Die intensive Interaktion mit dem Publikum, die hohe Kunst der Rezitation.
Ich als Ausländerin habe die vorgetragenen Texte vollkommen verstanden, ich fühlte mich von ihnen berührt, getragen, geschützt.
Bin gerade dabei „ Also sprach Zarathustra“ zu lesen, man kann es nur mit dem Herzen lesen, man kann die Vorstellung nicht konsumieren, es bedarf sich darauf einzulassen.
Die herausragende Kreativität in der Inszenierung ( das Bühnendekor, die symbolische Kameraführung, die einfühlsame musikalische Begleitung , noch wichtiger die Leidenschaft der Schauspieler, ihre Identifizierung mit der Botschaft die Zarathustra den Menschen schenken möchte machen mich vor allen Künstlern tief zu verbeugen und für diesen unvergesslichen Abend DANKE zu sagen.

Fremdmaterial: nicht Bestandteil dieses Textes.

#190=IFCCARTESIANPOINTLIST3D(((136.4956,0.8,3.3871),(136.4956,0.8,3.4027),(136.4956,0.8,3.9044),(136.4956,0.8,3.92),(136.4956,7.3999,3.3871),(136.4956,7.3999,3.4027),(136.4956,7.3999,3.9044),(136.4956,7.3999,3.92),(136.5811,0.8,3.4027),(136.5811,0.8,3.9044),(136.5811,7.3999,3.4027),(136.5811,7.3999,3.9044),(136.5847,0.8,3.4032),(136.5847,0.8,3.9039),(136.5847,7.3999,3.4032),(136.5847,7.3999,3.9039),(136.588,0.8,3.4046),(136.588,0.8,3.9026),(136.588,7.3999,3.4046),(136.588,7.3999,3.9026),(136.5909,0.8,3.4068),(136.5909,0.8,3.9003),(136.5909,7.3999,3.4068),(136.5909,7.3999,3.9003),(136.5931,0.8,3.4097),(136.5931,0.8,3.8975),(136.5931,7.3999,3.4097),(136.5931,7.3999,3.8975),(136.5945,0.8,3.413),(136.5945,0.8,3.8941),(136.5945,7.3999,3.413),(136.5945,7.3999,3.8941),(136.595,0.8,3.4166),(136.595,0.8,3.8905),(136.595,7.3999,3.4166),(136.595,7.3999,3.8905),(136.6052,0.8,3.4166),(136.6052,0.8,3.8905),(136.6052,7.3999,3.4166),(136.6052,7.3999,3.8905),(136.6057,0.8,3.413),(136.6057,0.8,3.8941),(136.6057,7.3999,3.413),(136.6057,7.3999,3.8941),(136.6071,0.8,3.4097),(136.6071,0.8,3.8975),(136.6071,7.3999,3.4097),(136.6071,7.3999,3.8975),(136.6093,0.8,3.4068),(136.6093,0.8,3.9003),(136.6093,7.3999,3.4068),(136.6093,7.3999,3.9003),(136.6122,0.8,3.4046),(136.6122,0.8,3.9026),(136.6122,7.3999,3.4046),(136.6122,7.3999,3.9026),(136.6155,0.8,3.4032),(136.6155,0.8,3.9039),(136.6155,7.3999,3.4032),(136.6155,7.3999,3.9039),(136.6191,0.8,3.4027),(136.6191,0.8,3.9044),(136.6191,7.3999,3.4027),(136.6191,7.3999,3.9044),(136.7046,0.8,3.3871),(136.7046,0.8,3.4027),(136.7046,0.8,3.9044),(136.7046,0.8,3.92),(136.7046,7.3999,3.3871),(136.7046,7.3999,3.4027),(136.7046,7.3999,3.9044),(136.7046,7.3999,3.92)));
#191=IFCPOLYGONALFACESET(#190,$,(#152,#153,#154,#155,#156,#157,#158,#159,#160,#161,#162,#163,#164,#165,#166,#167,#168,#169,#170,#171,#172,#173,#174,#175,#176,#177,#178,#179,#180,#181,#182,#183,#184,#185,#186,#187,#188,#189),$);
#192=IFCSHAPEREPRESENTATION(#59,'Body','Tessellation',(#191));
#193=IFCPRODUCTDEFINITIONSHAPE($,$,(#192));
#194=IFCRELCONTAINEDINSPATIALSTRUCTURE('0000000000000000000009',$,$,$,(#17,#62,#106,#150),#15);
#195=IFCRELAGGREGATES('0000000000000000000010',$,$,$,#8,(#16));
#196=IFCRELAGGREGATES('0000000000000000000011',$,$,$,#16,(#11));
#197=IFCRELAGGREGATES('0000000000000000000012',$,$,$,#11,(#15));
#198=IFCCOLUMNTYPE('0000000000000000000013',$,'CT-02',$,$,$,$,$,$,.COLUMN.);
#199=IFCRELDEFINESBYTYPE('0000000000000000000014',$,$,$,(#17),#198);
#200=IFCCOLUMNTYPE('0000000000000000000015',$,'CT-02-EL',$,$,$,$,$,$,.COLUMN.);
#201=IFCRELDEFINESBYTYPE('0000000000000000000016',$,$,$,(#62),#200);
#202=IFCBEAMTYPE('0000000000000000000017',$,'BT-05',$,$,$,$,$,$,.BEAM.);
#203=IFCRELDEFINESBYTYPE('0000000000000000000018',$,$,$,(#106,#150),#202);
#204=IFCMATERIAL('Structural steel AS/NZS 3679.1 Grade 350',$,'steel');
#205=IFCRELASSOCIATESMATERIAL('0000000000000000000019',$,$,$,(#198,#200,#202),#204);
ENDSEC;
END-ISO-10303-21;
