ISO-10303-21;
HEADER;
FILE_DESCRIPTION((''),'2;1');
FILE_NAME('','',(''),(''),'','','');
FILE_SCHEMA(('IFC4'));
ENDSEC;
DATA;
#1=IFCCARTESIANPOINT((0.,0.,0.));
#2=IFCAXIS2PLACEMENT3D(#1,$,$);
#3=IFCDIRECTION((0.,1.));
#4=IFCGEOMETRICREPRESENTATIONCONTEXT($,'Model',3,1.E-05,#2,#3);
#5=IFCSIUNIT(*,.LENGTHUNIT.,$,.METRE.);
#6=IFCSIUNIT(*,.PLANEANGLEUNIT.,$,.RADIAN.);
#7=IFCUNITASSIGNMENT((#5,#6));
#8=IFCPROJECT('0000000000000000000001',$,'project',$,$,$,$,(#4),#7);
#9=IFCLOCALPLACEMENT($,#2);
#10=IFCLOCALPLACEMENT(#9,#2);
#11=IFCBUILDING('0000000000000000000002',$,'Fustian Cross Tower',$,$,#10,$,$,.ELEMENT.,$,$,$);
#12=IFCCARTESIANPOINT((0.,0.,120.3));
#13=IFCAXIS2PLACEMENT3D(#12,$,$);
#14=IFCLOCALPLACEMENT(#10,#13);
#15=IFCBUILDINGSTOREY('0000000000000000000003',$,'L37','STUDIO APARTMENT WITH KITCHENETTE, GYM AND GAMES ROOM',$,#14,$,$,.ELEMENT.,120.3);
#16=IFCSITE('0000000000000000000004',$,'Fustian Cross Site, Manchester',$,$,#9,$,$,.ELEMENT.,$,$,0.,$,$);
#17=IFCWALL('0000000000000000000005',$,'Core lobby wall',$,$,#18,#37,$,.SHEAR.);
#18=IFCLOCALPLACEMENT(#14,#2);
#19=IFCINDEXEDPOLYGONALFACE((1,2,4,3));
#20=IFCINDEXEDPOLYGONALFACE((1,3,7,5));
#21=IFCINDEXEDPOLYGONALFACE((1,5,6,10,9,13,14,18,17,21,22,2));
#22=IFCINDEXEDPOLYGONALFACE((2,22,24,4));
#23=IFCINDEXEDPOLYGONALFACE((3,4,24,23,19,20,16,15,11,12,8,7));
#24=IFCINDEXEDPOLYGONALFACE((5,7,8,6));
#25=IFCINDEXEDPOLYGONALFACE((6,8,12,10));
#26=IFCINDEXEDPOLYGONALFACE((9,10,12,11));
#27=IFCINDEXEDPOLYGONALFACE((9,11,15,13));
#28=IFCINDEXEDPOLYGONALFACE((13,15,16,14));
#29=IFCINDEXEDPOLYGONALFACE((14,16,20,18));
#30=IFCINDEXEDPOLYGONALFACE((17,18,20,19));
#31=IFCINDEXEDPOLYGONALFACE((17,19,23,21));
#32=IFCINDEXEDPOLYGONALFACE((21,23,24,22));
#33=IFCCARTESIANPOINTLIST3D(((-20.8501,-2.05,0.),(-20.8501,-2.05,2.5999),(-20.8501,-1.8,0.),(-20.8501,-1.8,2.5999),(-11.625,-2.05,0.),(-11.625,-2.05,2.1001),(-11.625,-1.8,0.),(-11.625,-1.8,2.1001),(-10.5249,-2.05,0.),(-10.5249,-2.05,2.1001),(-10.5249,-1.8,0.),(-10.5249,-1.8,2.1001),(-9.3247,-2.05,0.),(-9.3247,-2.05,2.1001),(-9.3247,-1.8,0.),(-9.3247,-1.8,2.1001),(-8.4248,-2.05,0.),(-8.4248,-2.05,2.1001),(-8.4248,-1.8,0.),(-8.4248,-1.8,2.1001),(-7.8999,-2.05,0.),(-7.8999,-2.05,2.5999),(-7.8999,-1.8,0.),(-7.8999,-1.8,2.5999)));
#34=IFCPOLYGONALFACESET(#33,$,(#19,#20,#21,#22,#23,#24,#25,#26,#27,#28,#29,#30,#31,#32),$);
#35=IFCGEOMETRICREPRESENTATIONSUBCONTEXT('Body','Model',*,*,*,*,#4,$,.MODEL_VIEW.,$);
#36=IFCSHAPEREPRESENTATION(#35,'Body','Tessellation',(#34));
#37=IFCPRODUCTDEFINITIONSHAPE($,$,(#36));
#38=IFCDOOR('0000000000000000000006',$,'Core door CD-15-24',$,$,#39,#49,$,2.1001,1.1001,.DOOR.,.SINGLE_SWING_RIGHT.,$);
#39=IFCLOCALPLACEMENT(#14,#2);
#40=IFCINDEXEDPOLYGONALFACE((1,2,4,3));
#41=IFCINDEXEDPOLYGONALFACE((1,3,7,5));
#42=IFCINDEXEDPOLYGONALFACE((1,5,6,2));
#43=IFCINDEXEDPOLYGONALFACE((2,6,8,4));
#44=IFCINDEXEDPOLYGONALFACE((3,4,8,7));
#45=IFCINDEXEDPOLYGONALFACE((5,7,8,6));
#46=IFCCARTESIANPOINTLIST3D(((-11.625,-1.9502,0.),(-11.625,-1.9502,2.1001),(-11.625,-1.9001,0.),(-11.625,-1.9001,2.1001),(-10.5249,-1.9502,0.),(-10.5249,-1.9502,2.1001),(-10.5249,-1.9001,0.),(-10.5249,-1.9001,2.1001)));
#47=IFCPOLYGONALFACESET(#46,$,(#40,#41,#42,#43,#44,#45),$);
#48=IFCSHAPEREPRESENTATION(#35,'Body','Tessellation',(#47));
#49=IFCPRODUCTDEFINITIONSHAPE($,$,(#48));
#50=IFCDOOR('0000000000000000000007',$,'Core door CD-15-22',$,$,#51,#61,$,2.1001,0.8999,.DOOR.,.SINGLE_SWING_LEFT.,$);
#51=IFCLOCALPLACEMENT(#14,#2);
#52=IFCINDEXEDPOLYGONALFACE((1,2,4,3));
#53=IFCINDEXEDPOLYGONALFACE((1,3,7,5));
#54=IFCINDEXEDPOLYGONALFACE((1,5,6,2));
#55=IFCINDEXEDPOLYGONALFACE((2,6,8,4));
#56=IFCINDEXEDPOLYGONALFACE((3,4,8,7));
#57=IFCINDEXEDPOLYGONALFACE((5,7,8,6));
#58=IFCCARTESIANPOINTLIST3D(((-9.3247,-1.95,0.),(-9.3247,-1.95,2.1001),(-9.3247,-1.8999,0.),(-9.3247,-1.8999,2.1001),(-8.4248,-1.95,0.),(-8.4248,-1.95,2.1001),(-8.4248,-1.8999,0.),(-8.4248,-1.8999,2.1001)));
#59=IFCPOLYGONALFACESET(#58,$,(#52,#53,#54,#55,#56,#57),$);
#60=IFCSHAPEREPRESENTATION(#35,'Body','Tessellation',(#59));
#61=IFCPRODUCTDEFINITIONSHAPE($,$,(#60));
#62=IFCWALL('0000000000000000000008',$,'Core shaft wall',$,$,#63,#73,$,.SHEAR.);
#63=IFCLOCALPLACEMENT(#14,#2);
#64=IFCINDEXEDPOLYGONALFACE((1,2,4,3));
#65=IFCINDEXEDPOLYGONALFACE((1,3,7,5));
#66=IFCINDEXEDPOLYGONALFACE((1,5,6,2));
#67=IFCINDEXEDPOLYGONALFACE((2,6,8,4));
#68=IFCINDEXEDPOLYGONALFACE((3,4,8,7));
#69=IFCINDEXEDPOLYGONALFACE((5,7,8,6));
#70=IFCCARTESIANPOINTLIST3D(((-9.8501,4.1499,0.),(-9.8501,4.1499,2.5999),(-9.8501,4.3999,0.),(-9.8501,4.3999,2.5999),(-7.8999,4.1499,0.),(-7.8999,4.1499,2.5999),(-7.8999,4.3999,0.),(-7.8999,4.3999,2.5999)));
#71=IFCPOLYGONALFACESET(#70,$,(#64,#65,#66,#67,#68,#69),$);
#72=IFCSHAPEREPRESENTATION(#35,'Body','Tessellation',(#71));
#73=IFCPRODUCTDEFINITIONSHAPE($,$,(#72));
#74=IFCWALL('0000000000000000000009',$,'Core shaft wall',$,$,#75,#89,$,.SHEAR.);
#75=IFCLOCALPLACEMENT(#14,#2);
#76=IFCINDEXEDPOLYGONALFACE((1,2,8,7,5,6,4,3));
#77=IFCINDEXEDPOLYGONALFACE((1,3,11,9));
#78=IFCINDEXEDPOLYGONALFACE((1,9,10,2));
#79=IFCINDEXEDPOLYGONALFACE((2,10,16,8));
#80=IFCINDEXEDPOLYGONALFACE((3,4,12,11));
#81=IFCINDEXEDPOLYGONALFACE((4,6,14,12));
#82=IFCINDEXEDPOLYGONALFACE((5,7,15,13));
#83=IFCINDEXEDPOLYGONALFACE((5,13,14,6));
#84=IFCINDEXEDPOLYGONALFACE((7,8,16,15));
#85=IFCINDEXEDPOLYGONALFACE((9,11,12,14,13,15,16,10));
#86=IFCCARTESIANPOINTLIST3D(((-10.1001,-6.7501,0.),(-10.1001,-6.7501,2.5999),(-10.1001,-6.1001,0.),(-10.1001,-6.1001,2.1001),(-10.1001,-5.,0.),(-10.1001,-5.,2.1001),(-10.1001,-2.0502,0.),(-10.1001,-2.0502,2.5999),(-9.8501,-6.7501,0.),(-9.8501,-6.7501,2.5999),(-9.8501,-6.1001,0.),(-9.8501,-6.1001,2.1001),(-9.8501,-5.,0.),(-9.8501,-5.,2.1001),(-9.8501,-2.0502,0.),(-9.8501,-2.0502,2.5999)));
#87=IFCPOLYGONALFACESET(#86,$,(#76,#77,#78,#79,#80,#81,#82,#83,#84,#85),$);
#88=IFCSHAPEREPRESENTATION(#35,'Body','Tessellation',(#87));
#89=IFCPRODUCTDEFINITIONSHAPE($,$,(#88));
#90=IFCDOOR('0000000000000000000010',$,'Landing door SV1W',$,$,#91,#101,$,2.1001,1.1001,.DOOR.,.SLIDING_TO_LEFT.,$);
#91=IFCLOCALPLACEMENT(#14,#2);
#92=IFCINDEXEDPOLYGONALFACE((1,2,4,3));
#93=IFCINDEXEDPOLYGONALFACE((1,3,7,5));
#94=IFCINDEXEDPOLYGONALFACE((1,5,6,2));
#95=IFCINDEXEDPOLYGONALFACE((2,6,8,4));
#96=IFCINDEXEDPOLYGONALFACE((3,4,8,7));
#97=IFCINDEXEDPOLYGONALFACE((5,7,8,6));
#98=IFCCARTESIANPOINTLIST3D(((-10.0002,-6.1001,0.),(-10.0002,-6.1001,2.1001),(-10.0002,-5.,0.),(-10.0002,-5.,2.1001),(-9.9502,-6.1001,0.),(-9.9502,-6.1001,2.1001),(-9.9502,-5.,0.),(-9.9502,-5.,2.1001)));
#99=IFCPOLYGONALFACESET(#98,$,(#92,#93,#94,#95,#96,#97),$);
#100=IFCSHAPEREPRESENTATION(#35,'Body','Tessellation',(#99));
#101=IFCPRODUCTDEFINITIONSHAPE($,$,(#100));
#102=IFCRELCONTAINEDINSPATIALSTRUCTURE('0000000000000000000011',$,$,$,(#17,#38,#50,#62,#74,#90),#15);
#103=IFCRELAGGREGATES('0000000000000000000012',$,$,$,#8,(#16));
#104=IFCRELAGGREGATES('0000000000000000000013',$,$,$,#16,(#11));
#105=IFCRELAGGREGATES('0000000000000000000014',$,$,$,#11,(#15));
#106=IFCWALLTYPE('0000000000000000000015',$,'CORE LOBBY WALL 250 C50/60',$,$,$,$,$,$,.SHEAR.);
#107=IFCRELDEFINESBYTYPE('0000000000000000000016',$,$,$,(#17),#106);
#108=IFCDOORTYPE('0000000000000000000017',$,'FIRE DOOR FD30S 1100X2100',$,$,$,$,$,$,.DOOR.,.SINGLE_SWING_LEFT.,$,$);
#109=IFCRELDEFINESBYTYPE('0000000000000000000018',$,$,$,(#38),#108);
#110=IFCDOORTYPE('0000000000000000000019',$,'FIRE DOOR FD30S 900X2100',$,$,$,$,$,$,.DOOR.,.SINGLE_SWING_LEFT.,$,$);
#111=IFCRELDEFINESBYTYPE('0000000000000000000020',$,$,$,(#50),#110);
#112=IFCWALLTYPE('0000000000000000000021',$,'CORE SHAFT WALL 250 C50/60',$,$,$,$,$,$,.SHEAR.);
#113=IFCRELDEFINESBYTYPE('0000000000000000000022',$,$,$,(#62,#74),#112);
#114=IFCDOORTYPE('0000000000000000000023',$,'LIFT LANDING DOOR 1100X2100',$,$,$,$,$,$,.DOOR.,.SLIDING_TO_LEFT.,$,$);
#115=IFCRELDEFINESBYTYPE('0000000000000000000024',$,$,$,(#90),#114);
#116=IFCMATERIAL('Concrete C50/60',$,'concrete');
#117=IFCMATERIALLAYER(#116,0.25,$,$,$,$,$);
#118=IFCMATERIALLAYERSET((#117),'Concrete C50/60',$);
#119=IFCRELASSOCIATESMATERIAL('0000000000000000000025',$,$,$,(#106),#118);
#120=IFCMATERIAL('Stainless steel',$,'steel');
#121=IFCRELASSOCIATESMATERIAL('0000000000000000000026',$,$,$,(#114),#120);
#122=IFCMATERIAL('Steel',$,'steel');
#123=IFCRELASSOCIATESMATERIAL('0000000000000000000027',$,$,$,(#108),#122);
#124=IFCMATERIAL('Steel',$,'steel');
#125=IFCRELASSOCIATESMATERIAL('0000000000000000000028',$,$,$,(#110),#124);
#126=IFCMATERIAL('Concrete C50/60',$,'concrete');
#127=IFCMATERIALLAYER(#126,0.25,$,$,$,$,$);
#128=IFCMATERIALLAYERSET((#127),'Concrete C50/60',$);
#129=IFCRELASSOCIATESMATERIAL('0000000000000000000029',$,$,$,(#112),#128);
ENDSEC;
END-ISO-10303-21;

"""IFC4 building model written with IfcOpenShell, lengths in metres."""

from ifc_helpers import new_model, si_unit, direction, frame, frame_2d, origin, place, context, subcontext, project, spatial, rectangle, extrude, material, layer, layer_set, type_object, element, fill, save


model = new_model("IFC4")

# Units and contexts
model_context = context("Model", 3, precision=1e-05, world=origin(), true_north=direction((0.0, 1.0)))
body_context = subcontext(model_context, "Body", "Model", "MODEL_VIEW")
ifc_project = project(units=[si_unit("LENGTHUNIT", "METRE"), si_unit("PLANEANGLEUNIT", "RADIAN")], contexts=[model_context])

# Site, building, storey
site_placement = place(None, origin())
site = spatial("IfcSite", under=ifc_project, at=site_placement, Name="Fustian Cross Site, Manchester", CompositionType="ELEMENT", RefElevation=0.0)
building_placement = place(site_placement, origin())
building = spatial("IfcBuilding", under=site, at=building_placement, Name="Fustian Cross Tower", CompositionType="ELEMENT")
storey_placement = place(building_placement, frame((0.0, 0.0, 120.3)))
storey = spatial("IfcBuildingStorey", under=building, at=storey_placement, Name="L37", Description="STUDIO APARTMENT WITH KITCHENETTE, GYM AND GAMES ROOM", CompositionType="ELEMENT", Elevation=120.3)

# Wall, openings, doors
ifc_material_1 = material(Name="Concrete C50/60", Category="concrete")
ifc_layer_1 = layer(ifc_material_1, 0.25)
ifc_layer_set_1 = layer_set([ifc_layer_1], Name="Concrete C50/60")
wall_type_1 = type_object("IfcWallType", Name="CORE LOBBY WALL 250 C50/60", PredefinedType="SHEAR", material=ifc_layer_set_1)
ifc_material_2 = material(Name="Stainless steel", Category="steel")
door_type_1 = type_object("IfcDoorType", Name="LIFT LANDING DOOR 1100X2100", OperationType="SLIDING_TO_LEFT", PredefinedType="DOOR", material=ifc_material_2)
wall_1_placement = place(storey_placement, frame((-7.8999, -1.925, 0.0), z_axis=(0.0, 0.0, 1.0), x_axis=(-1.0, 0.0, 0.0)))
wall_1 = element("IfcWall", 1, at=wall_1_placement, inside=storey, type_object=wall_type_1, Name="Core lobby wall", PredefinedType="SHEAR", context=body_context, shape_type="SweptSolid", body=[
    extrude(rectangle(XDim=12.9502, YDim=0.25, at=frame_2d((6.4751, 0.0))), origin(), (0.0, 0.0, 1.0), 2.5999),
])
opening_1_placement = place(wall_1_placement, frame((0.5249, 0.0, 0.0)))
opening_1 = element("IfcOpeningElement", 2, at=opening_1_placement, cuts=wall_1, PredefinedType="OPENING", context=body_context, shape_type="SweptSolid", body=[
    extrude(rectangle(XDim=0.8999, YDim=2.1001, at=frame_2d((0.45, 1.05))), frame((0.0, 0.135, 0.0), z_axis=(0.0, -1.0, 0.0), x_axis=(1.0, 0.0, 0.0)), (0.0, 0.0, 1.0), 0.27),
])
opening_2_placement = place(wall_1_placement, frame((2.625, 0.0, 0.0)))
opening_2 = element("IfcOpeningElement", 3, at=opening_2_placement, cuts=wall_1, PredefinedType="OPENING", context=body_context, shape_type="SweptSolid", body=[
    extrude(rectangle(XDim=1.1001, YDim=2.1001, at=frame_2d((0.55, 1.05))), frame((0.0, 0.135, 0.0), z_axis=(0.0, -1.0, 0.0), x_axis=(1.0, 0.0, 0.0)), (0.0, 0.0, 1.0), 0.27),
])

Also sprach Zarathustra, Zürich: Reinfall
Als Frau mit kurdischen Wurzeln interessiert mich Zarathustra und seine Philosophie schon länger …vor dem Theater Besuch war ich voller Vorfreude. Leider war es ein Reinfall. Ich will mich auch u. a. deswegen der NZZ Kritik grösstenteils anschließen:
„Trotz viel Geschrei komme zuwenig an beim Publikum“. Für mein erleben war es eine „kalte“, Inszenierung, die mich gar nicht inspiriert und berührt hat. Schade!
Also sprach Zarathustra, Zürich: Nietzsche als Ventil
Sich hinter dem "Nietzsche gerecht werden" zu verstecken und dann derart nur "negative Gefühle" darzustellen, der hat ihn - tut mir Leid - nicht verstanden. Dyonisos ist nicht so schwarz und von Apollon hat das Stück nichts. Es war ein Emo-Abend mit der banalen trivialen Darstellung von Schmerz, Einsamkeit usw. ohne deren Komplexität gerecht zu werden. Man hat fast das Gefühl die Mannschaft muss im kollektiv viel Schmerz verarbeiten und nutzt Nietzsche als Ventil. Von freiem Interpretationsspielraum keine Spur. Gewisse Bilder sind schön, doch auf der Bühne keine Kunst.